For further information, contact Steve Rouvray Tel: (02) 9935 2201 Mobile: 0412 259 158


This announcement may contain forward looking statements relating to future matters, which are subject to known and unknown risks, uncertainties and other important factors which could cause the actual results, performance or achievements of Austbrokers and the Austbrokers Group to be materially different from those expressed in this announcement.

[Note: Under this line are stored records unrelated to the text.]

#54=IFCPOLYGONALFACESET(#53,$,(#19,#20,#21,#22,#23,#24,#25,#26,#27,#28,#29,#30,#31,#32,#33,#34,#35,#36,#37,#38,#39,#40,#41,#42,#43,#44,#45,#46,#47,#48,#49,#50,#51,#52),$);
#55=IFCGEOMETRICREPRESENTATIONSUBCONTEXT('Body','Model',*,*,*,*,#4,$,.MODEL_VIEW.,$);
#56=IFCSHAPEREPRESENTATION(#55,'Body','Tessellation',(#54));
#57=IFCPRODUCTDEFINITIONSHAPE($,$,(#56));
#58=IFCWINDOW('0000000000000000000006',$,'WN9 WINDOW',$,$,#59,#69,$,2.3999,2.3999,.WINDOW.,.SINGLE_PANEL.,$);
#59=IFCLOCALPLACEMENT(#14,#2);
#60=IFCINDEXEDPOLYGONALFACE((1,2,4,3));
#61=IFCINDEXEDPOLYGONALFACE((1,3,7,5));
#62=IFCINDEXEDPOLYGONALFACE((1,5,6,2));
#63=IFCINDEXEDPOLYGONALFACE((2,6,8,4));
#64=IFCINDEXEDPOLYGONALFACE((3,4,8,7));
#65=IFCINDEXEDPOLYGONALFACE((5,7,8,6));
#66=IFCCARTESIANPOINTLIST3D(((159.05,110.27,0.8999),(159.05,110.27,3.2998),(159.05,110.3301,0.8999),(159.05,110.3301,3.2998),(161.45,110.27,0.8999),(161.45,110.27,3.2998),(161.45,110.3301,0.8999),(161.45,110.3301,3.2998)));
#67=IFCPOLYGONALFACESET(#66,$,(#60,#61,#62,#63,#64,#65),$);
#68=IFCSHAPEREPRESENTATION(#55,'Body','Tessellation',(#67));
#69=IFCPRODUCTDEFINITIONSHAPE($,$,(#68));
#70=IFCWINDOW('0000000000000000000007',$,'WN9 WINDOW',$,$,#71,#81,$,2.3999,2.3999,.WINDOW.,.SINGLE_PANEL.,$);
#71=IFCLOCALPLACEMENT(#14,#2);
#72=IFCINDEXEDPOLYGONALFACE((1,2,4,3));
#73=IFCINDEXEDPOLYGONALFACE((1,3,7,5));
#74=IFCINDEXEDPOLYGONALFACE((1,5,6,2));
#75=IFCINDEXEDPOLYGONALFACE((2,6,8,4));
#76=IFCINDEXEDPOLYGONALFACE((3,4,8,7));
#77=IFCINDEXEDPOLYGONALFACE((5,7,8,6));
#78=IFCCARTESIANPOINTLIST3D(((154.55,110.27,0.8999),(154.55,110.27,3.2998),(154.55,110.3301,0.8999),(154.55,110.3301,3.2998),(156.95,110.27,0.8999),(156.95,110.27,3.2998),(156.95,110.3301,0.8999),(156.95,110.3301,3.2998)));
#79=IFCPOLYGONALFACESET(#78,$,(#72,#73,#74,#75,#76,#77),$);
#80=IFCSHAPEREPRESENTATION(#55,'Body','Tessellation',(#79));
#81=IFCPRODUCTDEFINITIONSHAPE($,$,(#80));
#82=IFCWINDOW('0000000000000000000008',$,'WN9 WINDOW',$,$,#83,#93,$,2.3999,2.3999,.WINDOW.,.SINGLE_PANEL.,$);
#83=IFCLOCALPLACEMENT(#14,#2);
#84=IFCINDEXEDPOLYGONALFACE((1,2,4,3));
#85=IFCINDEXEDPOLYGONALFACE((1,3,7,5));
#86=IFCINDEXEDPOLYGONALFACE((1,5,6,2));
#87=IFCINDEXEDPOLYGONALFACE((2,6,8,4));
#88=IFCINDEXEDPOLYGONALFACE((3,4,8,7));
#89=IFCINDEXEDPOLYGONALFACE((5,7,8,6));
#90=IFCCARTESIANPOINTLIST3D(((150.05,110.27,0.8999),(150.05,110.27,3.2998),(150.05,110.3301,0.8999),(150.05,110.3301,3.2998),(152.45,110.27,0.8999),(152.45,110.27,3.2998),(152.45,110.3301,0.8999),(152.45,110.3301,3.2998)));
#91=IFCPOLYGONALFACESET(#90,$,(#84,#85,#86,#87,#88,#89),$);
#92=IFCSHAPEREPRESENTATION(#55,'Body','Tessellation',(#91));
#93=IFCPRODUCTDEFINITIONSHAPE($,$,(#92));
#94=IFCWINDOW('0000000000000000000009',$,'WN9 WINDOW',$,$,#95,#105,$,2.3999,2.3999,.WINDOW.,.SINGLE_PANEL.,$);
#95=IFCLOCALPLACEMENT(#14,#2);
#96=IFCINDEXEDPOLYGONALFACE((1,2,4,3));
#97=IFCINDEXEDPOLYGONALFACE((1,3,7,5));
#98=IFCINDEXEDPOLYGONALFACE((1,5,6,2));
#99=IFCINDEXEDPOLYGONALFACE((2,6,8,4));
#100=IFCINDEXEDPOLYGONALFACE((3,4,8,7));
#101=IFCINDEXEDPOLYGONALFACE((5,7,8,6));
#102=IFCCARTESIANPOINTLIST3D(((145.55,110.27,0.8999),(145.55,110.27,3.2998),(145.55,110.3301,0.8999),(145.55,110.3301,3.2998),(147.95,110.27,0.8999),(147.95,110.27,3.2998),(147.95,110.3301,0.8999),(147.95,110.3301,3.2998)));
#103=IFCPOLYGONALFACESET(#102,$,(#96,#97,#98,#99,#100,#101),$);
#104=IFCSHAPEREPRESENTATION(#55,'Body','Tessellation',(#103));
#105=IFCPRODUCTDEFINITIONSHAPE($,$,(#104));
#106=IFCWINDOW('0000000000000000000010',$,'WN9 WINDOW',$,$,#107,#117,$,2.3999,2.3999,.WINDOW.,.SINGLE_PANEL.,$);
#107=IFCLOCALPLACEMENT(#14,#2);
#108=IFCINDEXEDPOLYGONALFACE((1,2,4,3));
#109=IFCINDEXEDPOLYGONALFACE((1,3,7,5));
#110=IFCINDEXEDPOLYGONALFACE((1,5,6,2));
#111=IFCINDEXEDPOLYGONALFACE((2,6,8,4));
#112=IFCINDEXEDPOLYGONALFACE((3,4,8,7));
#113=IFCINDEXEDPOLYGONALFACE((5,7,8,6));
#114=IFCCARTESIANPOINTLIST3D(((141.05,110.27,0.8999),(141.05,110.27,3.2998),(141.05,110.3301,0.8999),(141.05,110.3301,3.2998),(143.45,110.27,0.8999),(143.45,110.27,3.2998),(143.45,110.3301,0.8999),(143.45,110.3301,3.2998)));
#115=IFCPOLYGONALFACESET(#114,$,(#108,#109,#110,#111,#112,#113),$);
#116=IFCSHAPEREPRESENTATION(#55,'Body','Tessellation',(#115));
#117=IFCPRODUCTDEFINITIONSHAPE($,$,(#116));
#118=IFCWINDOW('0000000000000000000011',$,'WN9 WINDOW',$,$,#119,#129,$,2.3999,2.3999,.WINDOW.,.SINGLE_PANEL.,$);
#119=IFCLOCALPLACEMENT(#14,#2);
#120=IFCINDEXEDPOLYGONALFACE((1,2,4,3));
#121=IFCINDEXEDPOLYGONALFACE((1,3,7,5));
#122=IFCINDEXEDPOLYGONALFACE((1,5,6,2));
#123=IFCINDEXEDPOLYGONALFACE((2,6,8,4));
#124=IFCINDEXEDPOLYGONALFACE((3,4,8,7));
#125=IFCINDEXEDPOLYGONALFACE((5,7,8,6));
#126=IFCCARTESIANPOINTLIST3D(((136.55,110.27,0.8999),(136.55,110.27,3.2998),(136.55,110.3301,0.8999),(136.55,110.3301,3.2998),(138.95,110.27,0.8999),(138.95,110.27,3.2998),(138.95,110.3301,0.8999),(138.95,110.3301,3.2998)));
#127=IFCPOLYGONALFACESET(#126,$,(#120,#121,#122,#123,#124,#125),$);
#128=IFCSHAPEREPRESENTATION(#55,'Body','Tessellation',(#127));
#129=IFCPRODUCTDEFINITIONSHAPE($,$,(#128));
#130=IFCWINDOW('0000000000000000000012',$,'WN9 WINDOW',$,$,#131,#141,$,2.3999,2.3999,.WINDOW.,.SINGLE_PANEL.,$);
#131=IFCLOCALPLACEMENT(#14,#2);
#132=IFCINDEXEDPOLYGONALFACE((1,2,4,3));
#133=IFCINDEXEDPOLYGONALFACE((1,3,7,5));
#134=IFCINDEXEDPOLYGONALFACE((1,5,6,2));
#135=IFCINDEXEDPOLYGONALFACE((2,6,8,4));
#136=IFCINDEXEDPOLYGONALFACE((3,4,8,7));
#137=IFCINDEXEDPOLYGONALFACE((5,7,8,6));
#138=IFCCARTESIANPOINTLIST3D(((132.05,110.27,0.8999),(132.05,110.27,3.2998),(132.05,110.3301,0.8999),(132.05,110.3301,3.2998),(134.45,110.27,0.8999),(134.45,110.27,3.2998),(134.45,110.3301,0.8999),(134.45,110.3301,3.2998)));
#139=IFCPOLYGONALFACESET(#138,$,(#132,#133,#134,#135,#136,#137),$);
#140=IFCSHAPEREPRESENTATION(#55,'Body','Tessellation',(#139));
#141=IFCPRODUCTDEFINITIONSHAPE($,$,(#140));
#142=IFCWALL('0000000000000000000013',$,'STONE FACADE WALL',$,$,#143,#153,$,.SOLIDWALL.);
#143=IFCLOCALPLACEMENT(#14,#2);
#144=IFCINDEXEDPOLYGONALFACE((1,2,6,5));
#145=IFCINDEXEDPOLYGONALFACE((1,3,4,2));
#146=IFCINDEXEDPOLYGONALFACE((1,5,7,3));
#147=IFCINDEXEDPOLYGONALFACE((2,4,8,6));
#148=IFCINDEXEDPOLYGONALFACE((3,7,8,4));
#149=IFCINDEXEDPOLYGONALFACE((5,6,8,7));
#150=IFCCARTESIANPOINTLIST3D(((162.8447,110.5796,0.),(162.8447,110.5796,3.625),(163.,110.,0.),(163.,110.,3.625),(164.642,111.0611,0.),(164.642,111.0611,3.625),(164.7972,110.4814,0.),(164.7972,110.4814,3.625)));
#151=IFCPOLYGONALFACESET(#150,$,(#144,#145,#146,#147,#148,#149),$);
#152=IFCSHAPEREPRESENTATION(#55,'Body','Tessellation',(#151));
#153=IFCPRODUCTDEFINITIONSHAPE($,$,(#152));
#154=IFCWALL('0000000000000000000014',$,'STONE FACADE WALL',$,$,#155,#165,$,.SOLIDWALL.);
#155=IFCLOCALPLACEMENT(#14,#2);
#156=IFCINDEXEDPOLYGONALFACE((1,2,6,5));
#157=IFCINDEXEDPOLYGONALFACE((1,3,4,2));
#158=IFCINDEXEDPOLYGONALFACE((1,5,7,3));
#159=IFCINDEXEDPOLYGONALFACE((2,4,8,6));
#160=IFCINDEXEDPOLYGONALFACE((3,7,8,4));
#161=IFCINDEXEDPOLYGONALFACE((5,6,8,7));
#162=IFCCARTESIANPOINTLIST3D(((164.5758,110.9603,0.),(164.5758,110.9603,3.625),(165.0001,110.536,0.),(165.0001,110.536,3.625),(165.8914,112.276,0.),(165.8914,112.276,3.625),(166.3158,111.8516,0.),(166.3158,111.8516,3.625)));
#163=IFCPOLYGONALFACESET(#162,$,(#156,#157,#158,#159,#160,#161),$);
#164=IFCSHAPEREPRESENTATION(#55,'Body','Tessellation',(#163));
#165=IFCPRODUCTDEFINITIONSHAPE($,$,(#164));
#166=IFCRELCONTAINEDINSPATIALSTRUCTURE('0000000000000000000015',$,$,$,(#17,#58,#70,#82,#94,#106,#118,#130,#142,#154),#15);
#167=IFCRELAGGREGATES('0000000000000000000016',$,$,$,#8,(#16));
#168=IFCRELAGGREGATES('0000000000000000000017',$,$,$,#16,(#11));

Except as required by law and only to the extent so required, neither Austbrokers nor any other person warrants that these forward looking statements relating to future matters will occur.

Notice of Annual General Meeting

Austbrokers Holdings Limited ABN 60 000 000 715

Notice is hereby given that the Annual General Meeting of shareholders of Austbrokers Holdings Limited will be held at the Four Seasons Hotel, 199 George Street, Sydney, New South Wales at 10.00am on Wednesday 21 November 2007.

ORDINARY BUSINESS

Annual Report

To receive and consider the Statements of Financial Position and Statements of Financial Performance of the Company and the entities it controlled for the financial year ended 30 June 2007 and the reports of the Directors and auditor thereon.

  1. Re-election of Phillip Shirriff as a Director

  2. Mr Phillip Shirriff retires by rotation in accordance with Article 6.3 of the Company’s Constitution and, being eligible, offers himself for re-election.

  3. Details of the qualifications and experience of Mr Shirriff and the recommendation of the Board are set out in the attached Explanatory Notes.

  4. Remuneration Report

To adopt the Remuneration Report for the year ended 30 June 2007.

Note: the vote on this resolution is only advisory and does not bind the Company.

SPECIAL BUSINESS

  1. Senior Executive Option Plan Offer

To consider and, if thought fit, to pass, with or without amendment, the following resolution as an ordinary resolution :

  • "That, for the purposes of Listing Rule 10.14 of the Listing Rules of the ASX Limited and for all other purposes, the Company approves the grant of 336,700 options to Mr. Lachlan McKeough under the Austbrokers Senior Executive Option Plan and the allotment to Mr McKeough of up to 336,700 fully paid ordinary shares in the Company pursuant to the valid exercise of those options."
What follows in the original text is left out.